FPÖ-Generalsekretär und Mediensprecher NAbg. Christian Hafenecker, MA kritisierte das von den NEOS veranstaltete Hearing für die Bewerber um den ORF-Generaldirektorsposten als "demokratiepolitische Farce".
FPÖ-Generalsekretär und Mediensprecher NAbg. Christian Hafenecker, MA kritisierte das von den NEOS veranstaltete Hearing für die Bewerber um den ORF-Generaldirektorsposten als "demokratiepolitische Farce".

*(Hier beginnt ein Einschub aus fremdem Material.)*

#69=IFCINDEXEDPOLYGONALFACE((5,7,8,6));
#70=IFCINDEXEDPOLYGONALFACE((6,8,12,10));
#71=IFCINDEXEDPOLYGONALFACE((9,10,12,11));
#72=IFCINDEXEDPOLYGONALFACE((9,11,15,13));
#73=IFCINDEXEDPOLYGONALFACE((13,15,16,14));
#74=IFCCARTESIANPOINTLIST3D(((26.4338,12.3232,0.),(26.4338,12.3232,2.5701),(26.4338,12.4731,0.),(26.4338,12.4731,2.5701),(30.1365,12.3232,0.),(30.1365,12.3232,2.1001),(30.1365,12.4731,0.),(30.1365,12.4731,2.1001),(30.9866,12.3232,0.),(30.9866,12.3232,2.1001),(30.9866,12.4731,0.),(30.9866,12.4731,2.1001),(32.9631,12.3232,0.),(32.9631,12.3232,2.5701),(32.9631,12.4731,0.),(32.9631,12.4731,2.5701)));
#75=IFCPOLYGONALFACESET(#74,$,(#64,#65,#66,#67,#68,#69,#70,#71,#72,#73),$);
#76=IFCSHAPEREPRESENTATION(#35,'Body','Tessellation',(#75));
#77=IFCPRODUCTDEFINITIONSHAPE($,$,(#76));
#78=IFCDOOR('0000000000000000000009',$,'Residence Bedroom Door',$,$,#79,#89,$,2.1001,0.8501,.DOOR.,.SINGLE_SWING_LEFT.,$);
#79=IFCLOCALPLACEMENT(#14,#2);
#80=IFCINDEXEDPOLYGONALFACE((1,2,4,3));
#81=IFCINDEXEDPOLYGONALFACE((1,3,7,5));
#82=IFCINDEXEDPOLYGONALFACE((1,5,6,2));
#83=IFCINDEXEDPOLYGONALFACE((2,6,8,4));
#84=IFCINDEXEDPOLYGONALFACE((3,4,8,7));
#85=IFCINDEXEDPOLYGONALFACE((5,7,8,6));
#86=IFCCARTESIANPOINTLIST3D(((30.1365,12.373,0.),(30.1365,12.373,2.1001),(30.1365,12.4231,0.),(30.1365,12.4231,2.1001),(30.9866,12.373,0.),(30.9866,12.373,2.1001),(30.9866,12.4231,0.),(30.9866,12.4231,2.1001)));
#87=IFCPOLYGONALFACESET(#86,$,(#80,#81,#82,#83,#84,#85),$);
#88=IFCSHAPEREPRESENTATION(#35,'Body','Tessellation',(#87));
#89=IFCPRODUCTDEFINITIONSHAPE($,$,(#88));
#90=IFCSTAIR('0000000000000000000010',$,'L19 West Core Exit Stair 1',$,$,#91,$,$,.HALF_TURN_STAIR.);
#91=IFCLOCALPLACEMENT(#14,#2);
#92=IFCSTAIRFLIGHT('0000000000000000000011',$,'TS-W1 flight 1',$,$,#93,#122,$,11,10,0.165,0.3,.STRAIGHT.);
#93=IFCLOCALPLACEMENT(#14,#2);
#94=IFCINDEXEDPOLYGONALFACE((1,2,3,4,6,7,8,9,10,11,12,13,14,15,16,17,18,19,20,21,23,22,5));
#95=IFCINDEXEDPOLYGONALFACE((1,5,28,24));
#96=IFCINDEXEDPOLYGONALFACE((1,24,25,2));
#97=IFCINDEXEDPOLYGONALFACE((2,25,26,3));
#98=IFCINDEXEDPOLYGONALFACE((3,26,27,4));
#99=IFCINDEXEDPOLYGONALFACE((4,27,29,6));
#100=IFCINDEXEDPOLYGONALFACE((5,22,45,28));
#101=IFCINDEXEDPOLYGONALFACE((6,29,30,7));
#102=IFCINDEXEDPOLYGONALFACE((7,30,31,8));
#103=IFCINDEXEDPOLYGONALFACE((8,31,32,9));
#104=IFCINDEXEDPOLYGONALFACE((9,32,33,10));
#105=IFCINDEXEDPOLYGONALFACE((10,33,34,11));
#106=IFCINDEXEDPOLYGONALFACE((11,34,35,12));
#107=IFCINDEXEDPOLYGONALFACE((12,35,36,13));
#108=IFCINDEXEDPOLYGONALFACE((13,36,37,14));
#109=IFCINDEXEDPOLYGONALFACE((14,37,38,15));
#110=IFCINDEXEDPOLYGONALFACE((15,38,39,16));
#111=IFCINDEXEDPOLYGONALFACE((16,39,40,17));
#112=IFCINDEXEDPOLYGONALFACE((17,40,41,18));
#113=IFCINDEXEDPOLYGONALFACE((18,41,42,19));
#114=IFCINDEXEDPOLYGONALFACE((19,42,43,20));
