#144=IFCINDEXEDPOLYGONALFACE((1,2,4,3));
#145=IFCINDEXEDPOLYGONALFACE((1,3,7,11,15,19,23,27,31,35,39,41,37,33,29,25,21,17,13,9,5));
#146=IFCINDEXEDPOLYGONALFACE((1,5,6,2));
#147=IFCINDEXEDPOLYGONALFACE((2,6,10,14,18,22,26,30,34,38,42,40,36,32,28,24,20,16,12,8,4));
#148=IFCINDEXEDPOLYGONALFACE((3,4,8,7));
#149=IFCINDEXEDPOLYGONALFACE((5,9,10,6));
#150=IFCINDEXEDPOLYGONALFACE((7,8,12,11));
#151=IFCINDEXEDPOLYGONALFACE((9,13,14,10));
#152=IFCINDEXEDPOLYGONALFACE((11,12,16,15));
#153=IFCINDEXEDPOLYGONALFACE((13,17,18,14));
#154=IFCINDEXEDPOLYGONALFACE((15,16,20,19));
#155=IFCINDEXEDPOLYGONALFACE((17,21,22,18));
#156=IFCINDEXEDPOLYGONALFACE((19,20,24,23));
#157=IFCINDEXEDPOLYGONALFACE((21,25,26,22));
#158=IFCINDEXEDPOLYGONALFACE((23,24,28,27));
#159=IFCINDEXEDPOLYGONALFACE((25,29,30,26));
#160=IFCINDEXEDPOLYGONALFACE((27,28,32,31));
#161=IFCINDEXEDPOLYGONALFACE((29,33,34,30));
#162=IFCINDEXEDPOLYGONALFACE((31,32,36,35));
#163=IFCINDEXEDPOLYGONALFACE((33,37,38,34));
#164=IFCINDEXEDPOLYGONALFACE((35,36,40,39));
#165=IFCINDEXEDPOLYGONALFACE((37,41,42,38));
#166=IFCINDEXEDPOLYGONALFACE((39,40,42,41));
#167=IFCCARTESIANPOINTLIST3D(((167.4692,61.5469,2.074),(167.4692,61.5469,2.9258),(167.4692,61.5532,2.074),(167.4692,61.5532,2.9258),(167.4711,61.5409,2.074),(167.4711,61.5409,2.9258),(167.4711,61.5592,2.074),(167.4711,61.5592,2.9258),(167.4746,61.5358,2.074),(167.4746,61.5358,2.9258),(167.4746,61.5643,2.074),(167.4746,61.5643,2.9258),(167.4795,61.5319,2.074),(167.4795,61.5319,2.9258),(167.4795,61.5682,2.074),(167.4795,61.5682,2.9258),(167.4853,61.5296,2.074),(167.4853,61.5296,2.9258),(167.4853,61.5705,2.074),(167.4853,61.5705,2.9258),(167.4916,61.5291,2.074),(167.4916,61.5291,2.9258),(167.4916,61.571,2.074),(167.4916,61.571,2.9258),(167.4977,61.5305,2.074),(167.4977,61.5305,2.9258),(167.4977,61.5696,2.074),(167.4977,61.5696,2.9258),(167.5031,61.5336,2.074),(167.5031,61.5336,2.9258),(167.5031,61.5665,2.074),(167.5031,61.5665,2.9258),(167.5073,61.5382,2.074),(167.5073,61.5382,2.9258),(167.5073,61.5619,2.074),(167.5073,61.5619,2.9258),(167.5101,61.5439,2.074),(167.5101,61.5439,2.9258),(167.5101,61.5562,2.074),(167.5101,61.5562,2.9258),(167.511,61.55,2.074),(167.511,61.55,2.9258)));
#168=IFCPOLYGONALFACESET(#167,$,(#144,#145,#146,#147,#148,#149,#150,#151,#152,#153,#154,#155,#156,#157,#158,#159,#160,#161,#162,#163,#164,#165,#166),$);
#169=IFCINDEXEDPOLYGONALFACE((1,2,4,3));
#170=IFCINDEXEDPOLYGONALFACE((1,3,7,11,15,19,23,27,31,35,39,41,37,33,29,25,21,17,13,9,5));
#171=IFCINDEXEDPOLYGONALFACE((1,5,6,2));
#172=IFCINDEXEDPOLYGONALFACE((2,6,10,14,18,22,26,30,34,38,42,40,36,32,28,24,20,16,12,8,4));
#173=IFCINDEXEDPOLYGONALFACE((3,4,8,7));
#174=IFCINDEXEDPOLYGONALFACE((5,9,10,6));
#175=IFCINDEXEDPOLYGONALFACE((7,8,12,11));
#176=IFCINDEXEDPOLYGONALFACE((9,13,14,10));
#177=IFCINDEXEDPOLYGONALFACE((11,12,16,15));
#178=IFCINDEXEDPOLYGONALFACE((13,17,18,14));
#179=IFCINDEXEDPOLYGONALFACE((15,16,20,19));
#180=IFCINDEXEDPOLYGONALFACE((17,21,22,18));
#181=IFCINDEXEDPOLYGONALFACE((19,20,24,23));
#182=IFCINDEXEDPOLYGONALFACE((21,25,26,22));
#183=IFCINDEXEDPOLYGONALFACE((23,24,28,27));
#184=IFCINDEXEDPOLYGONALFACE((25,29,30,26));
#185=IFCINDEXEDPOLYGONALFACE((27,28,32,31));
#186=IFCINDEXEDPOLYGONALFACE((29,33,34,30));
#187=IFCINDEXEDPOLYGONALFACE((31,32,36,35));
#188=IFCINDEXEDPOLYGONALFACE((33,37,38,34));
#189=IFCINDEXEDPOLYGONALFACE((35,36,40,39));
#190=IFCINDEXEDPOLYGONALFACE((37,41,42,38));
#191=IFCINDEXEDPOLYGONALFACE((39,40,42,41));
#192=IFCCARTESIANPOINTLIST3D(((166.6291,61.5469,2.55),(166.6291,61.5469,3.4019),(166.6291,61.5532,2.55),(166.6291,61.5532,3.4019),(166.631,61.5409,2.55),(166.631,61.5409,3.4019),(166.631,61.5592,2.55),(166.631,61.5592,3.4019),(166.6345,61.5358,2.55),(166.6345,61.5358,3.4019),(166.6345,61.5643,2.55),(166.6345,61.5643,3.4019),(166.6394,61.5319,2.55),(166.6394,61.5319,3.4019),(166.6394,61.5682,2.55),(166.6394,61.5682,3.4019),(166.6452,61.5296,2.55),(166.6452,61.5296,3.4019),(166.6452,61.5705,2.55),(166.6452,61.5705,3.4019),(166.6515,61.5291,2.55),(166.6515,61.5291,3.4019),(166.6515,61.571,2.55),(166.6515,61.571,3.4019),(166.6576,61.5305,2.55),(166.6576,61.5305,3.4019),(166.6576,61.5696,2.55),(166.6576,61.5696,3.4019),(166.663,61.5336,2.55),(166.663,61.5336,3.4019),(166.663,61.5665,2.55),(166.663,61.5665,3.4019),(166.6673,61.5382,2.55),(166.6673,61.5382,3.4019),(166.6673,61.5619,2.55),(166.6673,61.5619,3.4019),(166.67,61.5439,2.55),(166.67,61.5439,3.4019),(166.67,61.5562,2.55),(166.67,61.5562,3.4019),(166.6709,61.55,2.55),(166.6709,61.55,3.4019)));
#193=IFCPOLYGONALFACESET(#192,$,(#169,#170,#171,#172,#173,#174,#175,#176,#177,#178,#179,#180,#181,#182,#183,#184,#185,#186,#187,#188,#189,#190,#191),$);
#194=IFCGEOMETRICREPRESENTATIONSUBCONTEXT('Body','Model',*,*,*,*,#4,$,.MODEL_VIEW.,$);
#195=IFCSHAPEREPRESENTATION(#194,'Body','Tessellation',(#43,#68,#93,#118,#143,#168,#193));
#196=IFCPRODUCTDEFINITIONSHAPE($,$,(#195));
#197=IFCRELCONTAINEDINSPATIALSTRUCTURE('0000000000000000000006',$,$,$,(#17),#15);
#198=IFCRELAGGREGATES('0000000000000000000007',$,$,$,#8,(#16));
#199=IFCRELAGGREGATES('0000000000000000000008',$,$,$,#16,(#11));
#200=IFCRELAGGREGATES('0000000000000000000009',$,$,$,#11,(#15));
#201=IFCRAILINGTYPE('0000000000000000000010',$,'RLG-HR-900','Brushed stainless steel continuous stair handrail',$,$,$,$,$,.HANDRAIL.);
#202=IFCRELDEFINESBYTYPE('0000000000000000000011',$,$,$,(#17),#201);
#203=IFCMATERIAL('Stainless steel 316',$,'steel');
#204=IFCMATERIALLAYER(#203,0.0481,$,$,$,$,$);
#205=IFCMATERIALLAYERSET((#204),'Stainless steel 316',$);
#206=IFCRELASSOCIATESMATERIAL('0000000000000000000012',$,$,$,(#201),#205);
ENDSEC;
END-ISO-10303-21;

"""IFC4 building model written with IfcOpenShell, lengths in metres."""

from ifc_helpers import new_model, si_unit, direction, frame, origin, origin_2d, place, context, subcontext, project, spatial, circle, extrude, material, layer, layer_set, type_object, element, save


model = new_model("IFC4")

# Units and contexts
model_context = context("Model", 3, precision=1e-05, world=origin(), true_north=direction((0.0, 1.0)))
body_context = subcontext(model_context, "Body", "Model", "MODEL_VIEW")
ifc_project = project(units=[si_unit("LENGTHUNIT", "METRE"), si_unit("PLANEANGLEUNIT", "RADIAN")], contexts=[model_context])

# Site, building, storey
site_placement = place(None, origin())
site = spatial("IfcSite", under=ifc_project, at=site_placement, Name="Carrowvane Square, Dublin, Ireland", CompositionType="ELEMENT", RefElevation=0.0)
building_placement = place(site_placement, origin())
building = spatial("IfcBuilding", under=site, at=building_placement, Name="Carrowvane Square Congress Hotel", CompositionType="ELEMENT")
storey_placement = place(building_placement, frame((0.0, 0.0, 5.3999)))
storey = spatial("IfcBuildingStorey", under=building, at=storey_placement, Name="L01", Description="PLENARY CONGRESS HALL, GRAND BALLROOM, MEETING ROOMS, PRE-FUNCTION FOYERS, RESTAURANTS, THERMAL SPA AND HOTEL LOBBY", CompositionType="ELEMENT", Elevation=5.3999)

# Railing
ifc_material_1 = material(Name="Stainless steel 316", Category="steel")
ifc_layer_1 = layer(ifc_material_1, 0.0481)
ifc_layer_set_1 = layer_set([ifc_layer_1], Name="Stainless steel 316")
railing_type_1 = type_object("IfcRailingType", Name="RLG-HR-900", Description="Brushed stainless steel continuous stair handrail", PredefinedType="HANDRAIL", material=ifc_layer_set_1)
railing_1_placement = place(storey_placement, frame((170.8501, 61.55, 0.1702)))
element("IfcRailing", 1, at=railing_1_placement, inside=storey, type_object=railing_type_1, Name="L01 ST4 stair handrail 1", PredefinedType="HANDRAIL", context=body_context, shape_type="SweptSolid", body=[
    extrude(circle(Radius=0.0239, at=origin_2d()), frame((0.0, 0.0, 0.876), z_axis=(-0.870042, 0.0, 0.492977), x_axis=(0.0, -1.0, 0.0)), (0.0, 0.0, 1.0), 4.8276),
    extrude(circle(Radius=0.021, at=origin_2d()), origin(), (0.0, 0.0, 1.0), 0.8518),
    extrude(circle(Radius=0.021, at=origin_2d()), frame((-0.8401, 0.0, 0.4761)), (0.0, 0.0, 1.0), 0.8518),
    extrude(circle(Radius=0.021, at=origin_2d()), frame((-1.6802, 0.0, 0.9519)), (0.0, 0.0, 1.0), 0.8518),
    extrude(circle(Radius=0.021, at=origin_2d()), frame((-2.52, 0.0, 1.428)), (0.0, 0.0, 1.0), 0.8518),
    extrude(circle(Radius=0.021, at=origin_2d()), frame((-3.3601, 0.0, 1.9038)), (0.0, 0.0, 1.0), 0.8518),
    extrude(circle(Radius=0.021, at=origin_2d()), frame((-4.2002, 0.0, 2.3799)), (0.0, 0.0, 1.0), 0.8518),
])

Hafenecker sagte: „Das ist doch eine demokratiepolitische Farce, mit der NEOS die Österreicher von vorne bis hinten für dumm verkaufen wollen. Wenn eine Regierungspartei, die angeblich den ORF entpolitisieren will, ein Scheinhearing veranstaltet, dann ist das so ziemlich die hochgradigste Politisierungsstufe, die man überhaupt zünden kann!“
Er warf den NEOS vor: „In ihrem Machtrausch auf der größten Regierungsbank aller Zeiten haben die Rosaroten offenbar vergessen, dass der ORF-Generaldirektor von den Stiftungsräten gewählt wird, die in der Ausübung ihrer Funktion frei sind. Oder wollen Meinl-Reisinger, Brandstötter und Co ganz offen auf die Stiftungsräte Einfluss nehmen? Das wäre jedenfalls ein Megaskandal.“
Der freiheitliche Mediensprecher erinnerte daran, dass im Regierungsprogramm die Aufteilung der ORF-Stiftungsräte von den drei Verlierer-Ampelparteien penibel festgehalten sei und verwies auf Medienberichte, wonach es sogar einen Koalitionsdeal geben soll, wonach ÖVP-Kanzler Stocker das Vorschlagsrecht bei der Bestellung des ORF-Generaldirektors zukomme.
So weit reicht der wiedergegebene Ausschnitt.